My lad (well i say lad, he's 19 now) has all my old consoles (SNES, Megadrive), he's got an original Gameboy (just changed the screen on it) and a load of various DS's.

He's got an up-scaling thing that costs £180 that converts the signal from CRT to LED TVs, a capture card for recording, all sorts of connectors so he can even use a SNES controller on his phone when playing emulators.

All his t-shirts are something to do with the SNES or Kirby and he can tell you the different serial numbers on the versions of the CPU in the SNES. He's somewhat obsessed :lol:


----------



## M444KNG

[/QUOTE] he can tell you the different serial numbers on the versions of the CPU in the SNES. He's somewhat obsessed :lol:[/QUOTE]

:lol: I have to admit that's pretty cool


----------



## Darlofan

I get my ps2 out from time to time to play Atari games on. Never play anything modern but Asteroids still has me hooked.


----------



## AnthonyUK

virgiltracey said:


> I play a fair bit on emulators. I use RetroX as a front end and currently have over 8k games across the major consoles.
> 
> I've got my niece playing video games now but she's only interested in Super Mario World from 1988, she's 7.

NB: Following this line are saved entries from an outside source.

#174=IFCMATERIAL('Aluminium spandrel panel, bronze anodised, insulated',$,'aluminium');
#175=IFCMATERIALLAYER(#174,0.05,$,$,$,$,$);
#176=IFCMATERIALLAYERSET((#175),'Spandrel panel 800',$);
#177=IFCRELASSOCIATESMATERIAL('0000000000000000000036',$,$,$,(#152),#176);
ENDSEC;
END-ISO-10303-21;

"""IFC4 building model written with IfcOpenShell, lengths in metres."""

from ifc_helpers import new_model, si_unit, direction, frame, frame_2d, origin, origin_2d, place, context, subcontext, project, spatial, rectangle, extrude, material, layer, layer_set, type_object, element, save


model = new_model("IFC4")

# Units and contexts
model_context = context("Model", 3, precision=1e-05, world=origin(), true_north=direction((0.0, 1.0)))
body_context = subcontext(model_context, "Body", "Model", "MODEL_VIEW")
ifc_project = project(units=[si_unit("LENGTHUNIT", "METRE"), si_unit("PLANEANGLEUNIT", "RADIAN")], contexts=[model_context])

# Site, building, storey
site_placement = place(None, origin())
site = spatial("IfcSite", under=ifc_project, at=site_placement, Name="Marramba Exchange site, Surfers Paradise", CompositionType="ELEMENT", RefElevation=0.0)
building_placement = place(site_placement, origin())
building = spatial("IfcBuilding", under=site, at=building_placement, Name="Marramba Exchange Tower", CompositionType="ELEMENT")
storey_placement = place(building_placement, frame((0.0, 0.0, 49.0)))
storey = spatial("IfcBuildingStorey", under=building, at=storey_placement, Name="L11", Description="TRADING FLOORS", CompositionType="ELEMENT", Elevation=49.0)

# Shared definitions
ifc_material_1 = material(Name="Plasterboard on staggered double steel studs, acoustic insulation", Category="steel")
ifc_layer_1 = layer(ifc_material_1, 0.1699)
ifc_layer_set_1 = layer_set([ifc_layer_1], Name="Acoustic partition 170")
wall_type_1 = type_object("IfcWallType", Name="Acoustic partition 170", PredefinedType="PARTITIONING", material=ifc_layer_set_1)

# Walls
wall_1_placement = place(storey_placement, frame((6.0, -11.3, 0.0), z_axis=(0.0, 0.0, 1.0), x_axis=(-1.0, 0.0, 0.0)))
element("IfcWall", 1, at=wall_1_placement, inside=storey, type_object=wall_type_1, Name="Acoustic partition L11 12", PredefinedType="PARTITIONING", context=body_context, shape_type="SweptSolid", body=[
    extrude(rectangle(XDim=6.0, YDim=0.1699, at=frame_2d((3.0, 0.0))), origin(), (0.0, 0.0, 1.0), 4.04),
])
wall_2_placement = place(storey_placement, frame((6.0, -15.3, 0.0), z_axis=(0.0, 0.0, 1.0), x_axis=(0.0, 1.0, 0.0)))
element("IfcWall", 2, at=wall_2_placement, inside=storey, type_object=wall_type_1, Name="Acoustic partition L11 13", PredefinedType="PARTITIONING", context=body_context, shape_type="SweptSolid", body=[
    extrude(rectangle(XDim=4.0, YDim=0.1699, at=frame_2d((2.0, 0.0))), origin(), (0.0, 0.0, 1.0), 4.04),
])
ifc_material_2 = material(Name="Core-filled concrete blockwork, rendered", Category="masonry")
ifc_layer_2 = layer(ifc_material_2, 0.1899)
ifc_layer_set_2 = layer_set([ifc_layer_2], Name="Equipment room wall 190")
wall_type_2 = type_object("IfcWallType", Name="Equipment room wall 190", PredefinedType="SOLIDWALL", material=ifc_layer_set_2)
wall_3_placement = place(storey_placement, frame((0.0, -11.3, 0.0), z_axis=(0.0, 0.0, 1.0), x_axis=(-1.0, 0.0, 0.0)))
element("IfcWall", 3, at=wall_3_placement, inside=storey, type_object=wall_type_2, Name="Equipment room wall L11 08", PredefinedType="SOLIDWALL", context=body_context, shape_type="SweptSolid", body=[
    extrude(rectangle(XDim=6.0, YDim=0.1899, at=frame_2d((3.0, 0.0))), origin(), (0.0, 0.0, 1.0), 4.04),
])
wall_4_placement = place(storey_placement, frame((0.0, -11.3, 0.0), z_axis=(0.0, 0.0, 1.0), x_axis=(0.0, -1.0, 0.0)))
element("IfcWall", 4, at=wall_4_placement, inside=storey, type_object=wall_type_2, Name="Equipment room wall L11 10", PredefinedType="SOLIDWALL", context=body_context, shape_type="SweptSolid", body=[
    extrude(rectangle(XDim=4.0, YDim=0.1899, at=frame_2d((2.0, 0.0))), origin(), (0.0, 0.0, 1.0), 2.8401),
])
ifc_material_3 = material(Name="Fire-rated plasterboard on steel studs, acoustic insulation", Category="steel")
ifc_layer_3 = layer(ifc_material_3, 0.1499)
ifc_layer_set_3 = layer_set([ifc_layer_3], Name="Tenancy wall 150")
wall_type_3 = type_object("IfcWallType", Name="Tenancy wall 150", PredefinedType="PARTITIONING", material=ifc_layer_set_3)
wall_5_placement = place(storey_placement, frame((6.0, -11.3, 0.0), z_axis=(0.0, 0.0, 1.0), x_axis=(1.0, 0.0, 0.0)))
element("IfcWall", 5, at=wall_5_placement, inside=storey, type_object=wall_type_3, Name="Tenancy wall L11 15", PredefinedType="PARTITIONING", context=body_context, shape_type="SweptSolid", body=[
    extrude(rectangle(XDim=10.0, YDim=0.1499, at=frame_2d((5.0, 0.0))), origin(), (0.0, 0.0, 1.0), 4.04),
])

The best game ever made. Absolutely pixel perfect.
Has she seen any of the Yoshi games? Yoshi's Story is delightful.


----------



## Brian1612

Still going back and playing classics from the N64/PS1 era. Name zelda and Final Fantasy... don't make them like they used too!

Sent from my SM-G950F using Tapatalk


----------



## Starbuck88

I have a NES Mini that I 'upgraded' and play all my childhood games on.

Need to buy a new controller for it for the extra buttons though.


----------



## mattr8700

I brought the SNES mini about 18 months ago, and 25 years on from the original, I’m still unable to complete Super Mario World


----------



## HEADPHONES

I still play William's Defender from the 80s on a small handheld emulator.
I don't think to this date there is a faster more adrenaline pumped space shooter game.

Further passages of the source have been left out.